The second way is easier so I'll get it out of the way. More education earlier
is an argument that formal programming education can be helpful. That wouldn't
undermine the idea that a CS degree has importance on a individual basis; not
as a general yes/no rule. We've agree that formal programming education CAN
help.

The second point is big for me, and it really bothers me to be honest (not
about your post, I appreciate your post). It's this idea that the CS degree is
this static cement thing; like we order it from Amazon. _A degree is what you
make it!_

Your point about remedial classes, etc is spot on. It's exactly an argument
that each person has to weigh the benefits they can get from the degree with
the benefits from going right into the industry. If the person shows up at
college and picks programming for the reasons you described; then you are
probably correct in that it is not "better". However, college is a four year
chance to build a competitive advantage. Statistics. Economics. Linguistics.
Physics. Accounting. Art.
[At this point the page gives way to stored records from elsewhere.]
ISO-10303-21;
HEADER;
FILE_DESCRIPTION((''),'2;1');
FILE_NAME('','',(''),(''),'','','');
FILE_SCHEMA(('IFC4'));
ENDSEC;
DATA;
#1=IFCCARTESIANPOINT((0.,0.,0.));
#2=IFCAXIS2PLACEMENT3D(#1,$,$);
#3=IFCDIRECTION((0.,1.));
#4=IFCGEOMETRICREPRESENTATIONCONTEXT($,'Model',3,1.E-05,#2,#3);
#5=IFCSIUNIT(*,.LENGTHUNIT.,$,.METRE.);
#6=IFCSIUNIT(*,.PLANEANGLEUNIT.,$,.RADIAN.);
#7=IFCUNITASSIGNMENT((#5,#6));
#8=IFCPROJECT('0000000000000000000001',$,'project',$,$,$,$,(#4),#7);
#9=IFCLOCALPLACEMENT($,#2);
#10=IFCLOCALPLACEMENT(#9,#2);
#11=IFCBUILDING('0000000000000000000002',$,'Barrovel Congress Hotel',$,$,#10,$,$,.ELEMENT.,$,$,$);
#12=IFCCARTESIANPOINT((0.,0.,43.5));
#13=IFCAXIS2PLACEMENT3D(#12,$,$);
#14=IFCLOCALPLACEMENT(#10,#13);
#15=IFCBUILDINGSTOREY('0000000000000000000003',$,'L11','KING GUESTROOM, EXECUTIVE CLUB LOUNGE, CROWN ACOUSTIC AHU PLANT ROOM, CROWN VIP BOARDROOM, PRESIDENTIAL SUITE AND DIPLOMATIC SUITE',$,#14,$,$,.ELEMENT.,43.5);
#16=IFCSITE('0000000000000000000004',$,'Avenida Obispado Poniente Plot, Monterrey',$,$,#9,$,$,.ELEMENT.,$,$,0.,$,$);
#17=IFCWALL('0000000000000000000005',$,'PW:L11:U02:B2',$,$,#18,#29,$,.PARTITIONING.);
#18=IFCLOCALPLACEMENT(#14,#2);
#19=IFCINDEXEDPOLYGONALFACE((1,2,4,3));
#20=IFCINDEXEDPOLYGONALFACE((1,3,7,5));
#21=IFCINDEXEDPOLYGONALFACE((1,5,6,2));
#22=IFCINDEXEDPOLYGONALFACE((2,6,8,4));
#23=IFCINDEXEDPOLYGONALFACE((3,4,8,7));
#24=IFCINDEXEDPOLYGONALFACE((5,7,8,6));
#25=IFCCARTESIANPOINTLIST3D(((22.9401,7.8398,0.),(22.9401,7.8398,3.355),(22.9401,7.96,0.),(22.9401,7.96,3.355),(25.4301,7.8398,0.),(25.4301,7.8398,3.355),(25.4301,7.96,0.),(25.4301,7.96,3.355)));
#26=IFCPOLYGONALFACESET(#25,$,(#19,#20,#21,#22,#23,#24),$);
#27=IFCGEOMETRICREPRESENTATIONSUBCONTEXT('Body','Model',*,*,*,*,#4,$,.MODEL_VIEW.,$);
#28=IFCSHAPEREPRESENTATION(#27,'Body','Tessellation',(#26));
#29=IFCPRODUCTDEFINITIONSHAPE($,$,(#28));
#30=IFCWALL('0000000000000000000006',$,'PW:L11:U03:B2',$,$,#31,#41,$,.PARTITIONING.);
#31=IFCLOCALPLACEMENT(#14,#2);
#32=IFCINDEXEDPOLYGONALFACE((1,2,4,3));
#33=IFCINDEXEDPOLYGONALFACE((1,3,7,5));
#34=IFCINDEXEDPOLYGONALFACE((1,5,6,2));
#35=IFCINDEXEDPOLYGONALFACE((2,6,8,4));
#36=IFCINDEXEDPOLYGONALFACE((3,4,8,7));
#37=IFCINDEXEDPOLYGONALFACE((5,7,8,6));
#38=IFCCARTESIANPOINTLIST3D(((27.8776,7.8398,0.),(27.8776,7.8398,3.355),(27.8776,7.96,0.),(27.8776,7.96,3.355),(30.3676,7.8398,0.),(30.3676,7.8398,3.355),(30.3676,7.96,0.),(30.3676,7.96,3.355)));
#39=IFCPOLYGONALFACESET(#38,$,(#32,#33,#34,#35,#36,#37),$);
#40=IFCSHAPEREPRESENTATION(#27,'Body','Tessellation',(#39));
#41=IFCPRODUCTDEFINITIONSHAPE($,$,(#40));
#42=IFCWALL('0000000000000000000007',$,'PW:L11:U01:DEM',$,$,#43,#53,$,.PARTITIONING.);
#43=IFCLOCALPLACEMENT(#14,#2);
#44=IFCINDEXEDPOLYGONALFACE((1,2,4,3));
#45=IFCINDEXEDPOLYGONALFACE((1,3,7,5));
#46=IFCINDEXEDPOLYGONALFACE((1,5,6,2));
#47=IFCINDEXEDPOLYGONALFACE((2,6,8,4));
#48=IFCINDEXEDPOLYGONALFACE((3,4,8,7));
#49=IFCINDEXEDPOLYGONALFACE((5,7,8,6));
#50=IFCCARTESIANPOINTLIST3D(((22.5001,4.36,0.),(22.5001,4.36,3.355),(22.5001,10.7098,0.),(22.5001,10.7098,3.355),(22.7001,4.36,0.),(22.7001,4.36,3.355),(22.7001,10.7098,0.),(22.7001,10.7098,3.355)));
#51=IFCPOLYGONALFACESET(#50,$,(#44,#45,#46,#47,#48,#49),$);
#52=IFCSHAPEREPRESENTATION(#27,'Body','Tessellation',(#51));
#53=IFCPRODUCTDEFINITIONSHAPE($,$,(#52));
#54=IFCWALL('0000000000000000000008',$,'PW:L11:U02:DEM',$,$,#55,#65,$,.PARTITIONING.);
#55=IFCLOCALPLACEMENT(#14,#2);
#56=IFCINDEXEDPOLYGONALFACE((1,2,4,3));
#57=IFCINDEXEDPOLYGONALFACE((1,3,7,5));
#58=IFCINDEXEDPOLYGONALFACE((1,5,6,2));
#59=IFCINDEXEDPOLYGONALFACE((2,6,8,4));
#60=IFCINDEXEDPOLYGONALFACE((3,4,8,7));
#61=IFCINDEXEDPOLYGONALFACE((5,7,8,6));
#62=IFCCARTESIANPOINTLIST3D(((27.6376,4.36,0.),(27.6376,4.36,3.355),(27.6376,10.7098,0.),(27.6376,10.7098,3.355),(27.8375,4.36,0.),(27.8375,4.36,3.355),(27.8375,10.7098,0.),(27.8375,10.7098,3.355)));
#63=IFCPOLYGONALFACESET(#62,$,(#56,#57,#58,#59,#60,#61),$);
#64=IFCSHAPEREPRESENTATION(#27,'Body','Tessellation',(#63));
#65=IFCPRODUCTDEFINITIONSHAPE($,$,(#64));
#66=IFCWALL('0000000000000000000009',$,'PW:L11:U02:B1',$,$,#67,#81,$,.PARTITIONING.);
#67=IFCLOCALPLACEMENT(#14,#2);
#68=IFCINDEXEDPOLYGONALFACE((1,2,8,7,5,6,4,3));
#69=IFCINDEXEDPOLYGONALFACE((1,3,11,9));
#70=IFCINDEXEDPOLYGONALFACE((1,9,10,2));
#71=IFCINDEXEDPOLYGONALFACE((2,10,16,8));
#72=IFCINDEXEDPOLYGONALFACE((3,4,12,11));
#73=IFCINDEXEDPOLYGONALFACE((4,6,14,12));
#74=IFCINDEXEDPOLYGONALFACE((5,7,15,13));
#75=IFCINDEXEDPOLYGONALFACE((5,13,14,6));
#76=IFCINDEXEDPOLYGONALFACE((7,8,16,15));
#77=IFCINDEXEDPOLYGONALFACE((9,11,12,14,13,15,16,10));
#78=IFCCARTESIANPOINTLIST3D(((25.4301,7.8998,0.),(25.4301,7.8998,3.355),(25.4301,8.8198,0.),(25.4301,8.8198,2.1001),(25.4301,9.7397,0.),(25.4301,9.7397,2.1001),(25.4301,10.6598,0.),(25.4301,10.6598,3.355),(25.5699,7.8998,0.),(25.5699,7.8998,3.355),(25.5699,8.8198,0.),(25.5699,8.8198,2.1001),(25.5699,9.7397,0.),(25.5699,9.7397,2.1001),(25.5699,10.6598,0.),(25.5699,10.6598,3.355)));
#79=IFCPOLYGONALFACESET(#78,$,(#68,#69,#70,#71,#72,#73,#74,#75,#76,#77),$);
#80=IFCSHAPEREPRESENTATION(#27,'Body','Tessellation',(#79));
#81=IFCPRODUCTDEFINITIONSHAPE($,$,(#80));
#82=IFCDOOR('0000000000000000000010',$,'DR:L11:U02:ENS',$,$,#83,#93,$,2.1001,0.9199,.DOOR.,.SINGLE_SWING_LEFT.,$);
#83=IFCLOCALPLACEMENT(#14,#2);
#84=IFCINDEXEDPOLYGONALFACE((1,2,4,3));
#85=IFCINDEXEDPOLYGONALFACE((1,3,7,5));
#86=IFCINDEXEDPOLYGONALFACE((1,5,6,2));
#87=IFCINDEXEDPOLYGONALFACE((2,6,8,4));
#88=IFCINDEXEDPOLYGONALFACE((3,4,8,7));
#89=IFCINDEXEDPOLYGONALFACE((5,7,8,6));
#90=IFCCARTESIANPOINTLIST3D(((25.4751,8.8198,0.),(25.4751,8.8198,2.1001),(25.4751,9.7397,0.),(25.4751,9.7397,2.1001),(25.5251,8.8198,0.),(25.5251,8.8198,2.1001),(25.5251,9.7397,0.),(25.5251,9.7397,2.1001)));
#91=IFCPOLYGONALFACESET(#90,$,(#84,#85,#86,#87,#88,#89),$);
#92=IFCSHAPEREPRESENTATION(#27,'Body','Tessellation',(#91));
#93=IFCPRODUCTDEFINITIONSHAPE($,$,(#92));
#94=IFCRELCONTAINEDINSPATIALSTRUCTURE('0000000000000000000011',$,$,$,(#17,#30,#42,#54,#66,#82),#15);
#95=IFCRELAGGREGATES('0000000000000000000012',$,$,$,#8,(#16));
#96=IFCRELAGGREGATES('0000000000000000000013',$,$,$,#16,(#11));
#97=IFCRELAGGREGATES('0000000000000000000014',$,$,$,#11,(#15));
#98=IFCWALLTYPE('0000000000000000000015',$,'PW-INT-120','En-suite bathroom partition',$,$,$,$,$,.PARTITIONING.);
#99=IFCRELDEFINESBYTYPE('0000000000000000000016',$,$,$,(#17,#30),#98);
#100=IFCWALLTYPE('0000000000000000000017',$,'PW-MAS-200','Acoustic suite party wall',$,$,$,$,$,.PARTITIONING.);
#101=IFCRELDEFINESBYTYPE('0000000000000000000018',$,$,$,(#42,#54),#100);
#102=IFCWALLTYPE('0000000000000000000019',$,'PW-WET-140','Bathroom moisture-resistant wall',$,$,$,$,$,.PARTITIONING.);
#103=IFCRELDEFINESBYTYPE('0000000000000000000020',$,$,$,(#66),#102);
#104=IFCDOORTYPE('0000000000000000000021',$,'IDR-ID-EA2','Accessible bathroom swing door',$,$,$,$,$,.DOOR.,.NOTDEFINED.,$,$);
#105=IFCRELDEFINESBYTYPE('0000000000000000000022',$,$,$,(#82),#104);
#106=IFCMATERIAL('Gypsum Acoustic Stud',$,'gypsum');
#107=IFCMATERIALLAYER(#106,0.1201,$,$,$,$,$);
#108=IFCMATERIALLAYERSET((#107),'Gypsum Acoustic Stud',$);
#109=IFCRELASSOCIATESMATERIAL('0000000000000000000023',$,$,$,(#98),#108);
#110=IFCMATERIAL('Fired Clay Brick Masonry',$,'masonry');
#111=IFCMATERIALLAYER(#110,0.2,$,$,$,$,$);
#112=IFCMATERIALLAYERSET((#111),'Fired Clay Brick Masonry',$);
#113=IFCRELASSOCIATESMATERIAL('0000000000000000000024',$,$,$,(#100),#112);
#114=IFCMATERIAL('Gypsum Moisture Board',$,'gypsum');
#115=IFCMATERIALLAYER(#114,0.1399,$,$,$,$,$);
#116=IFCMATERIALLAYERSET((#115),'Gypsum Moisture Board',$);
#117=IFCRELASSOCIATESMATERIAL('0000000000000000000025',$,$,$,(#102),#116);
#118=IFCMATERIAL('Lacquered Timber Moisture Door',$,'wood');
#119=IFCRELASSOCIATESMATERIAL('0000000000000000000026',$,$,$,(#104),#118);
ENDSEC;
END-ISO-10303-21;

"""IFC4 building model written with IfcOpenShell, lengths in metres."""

from ifc_helpers import new_model, si_unit, direction, frame, frame_2d, origin, place, context, subcontext, project, spatial, rectangle, extrude, material, layer, layer_set, type_object, element, fill, save


model = new_model("IFC4")

# Units and contexts
model_context = context("Model", 3, precision=1e-05, world=origin(), true_north=direction((0.0, 1.0)))
body_context = subcontext(model_context, "Body", "Model", "MODEL_VIEW")
ifc_project = project(units=[si_unit("LENGTHUNIT", "METRE"), si_unit("PLANEANGLEUNIT", "RADIAN")], contexts=[model_context])

# Site, building, storey
site_placement = place(None, origin())
site = spatial("IfcSite", under=ifc_project, at=site_placement, Name="Avenida Obispado Poniente Plot, Monterrey", CompositionType="ELEMENT", RefElevation=0.0)
building_placement = place(site_placement, origin())
building = spatial("IfcBuilding", under=site, at=building_placement, Name="Barrovel Congress Hotel", CompositionType="ELEMENT")
storey_placement = place(building_placement, frame((0.0, 0.0, 43.5)))
storey = spatial("IfcBuildingStorey", under=building, at=storey_placement, Name="L11", Description="KING GUESTROOM, EXECUTIVE CLUB LOUNGE, CROWN ACOUSTIC AHU PLANT ROOM, CROWN VIP BOARDROOM, PRESIDENTIAL SUITE AND DIPLOMATIC SUITE", CompositionType="ELEMENT", Elevation=43.5)

# Shared definitions
ifc_material_1 = material(Name="Fired Clay Brick Masonry", Category="masonry")

# Shared definitions
ifc_material_2 = material(Name="Gypsum Acoustic Stud", Category="gypsum")

# Walls
ifc_layer_1 = layer(ifc_material_2, 0.1201)
ifc_layer_set_1 = layer_set([ifc_layer_1], Name="Gypsum Acoustic Stud")
wall_type_1 = type_object("IfcWallType", Name="PW-INT-120", Description="En-suite bathroom partition", PredefinedType="PARTITIONING", material=ifc_layer_set_1)
for number, where, z_axis, x_axis, name in (
    (1, (22.9399, 7.8999, 0.0), (0.0, 0.0, 1.0), (1.0, 0.0, 0.0), "PW:L11:U02:B2"),
    (2, (27.8774, 7.8999, 0.0), (0.0, 0.0, 1.0), (1.0, 0.0, 0.0), "PW:L11:U03:B2"),
):
    element("IfcWall", number, at=place(storey_placement, frame(where, z_axis=z_axis, x_axis=x_axis)), inside=storey, type_object=wall_type_1, Name=name, PredefinedType="PARTITIONING", context=body_context, shape_type="SweptSolid", body=[
        extrude(rectangle(XDim=2.49, YDim=0.1201, at=frame_2d((1.2451, 0.0))), origin(), (0.0, 0.0, 1.0), 3.355),
    ])
ifc_layer_2 = layer(ifc_material_1, 0.2)
ifc_layer_set_2 = layer_set([ifc_layer_2], Name="Fired Clay Brick Masonry")
wall_type_2 = type_object("IfcWallType", Name="PW-MAS-200", Description="Acoustic suite party wall", PredefinedType="PARTITIONING", material=ifc_layer_set_2)
for number, where, z_axis, x_axis, name in (
    (3, (22.6001, 4.3601, 0.0), (0.0, 0.0, 1.0), (0.0, 1.0, 0.0), "PW:L11:U01:DEM"),
    (4, (27.7375, 4.3601, 0.0), (0.0, 0.0, 1.0), (0.0, 1.0, 0.0), "PW:L11:U02:DEM"),
):
    element("IfcWall", number, at=place(storey_placement, frame(where, z_axis=z_axis, x_axis=x_axis)), inside=storey, type_object=wall_type_2, Name=name, PredefinedType="PARTITIONING", context=body_context, shape_type="SweptSolid", body=[
        extrude(rectangle(XDim=6.3499, YDim=0.2, at=frame_2d((3.1748, 0.0))), origin(), (0.0, 0.0, 1.0), 3.355),
    ])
Etc.

If someone chooses to make their degree a worthless money sink, that does not
cancel out the person who spends four years learning to code, analyze speech,
and working hard on the OpenROV team. Those are two completely different
people and neither needs to put their degree on their resume. But only one can
put speech analysis and OpenROV there; which they got as part of that degree.
They also now have those contacts and team building experiences. Another
example might be someone who spends the four years working part time as a
contractor. "Got a degree while building industry experience" trounces "got a
degree" AND "industry experience" (imho).

A degree is something you pay for, it's an investment and should be treated as
such (in the scope of our discussion). While the underlying argument may be if
an employer cares; I think that honestly employers are looking at it as a
signal that there might be something more to you than some Java/JavaScript
syntax.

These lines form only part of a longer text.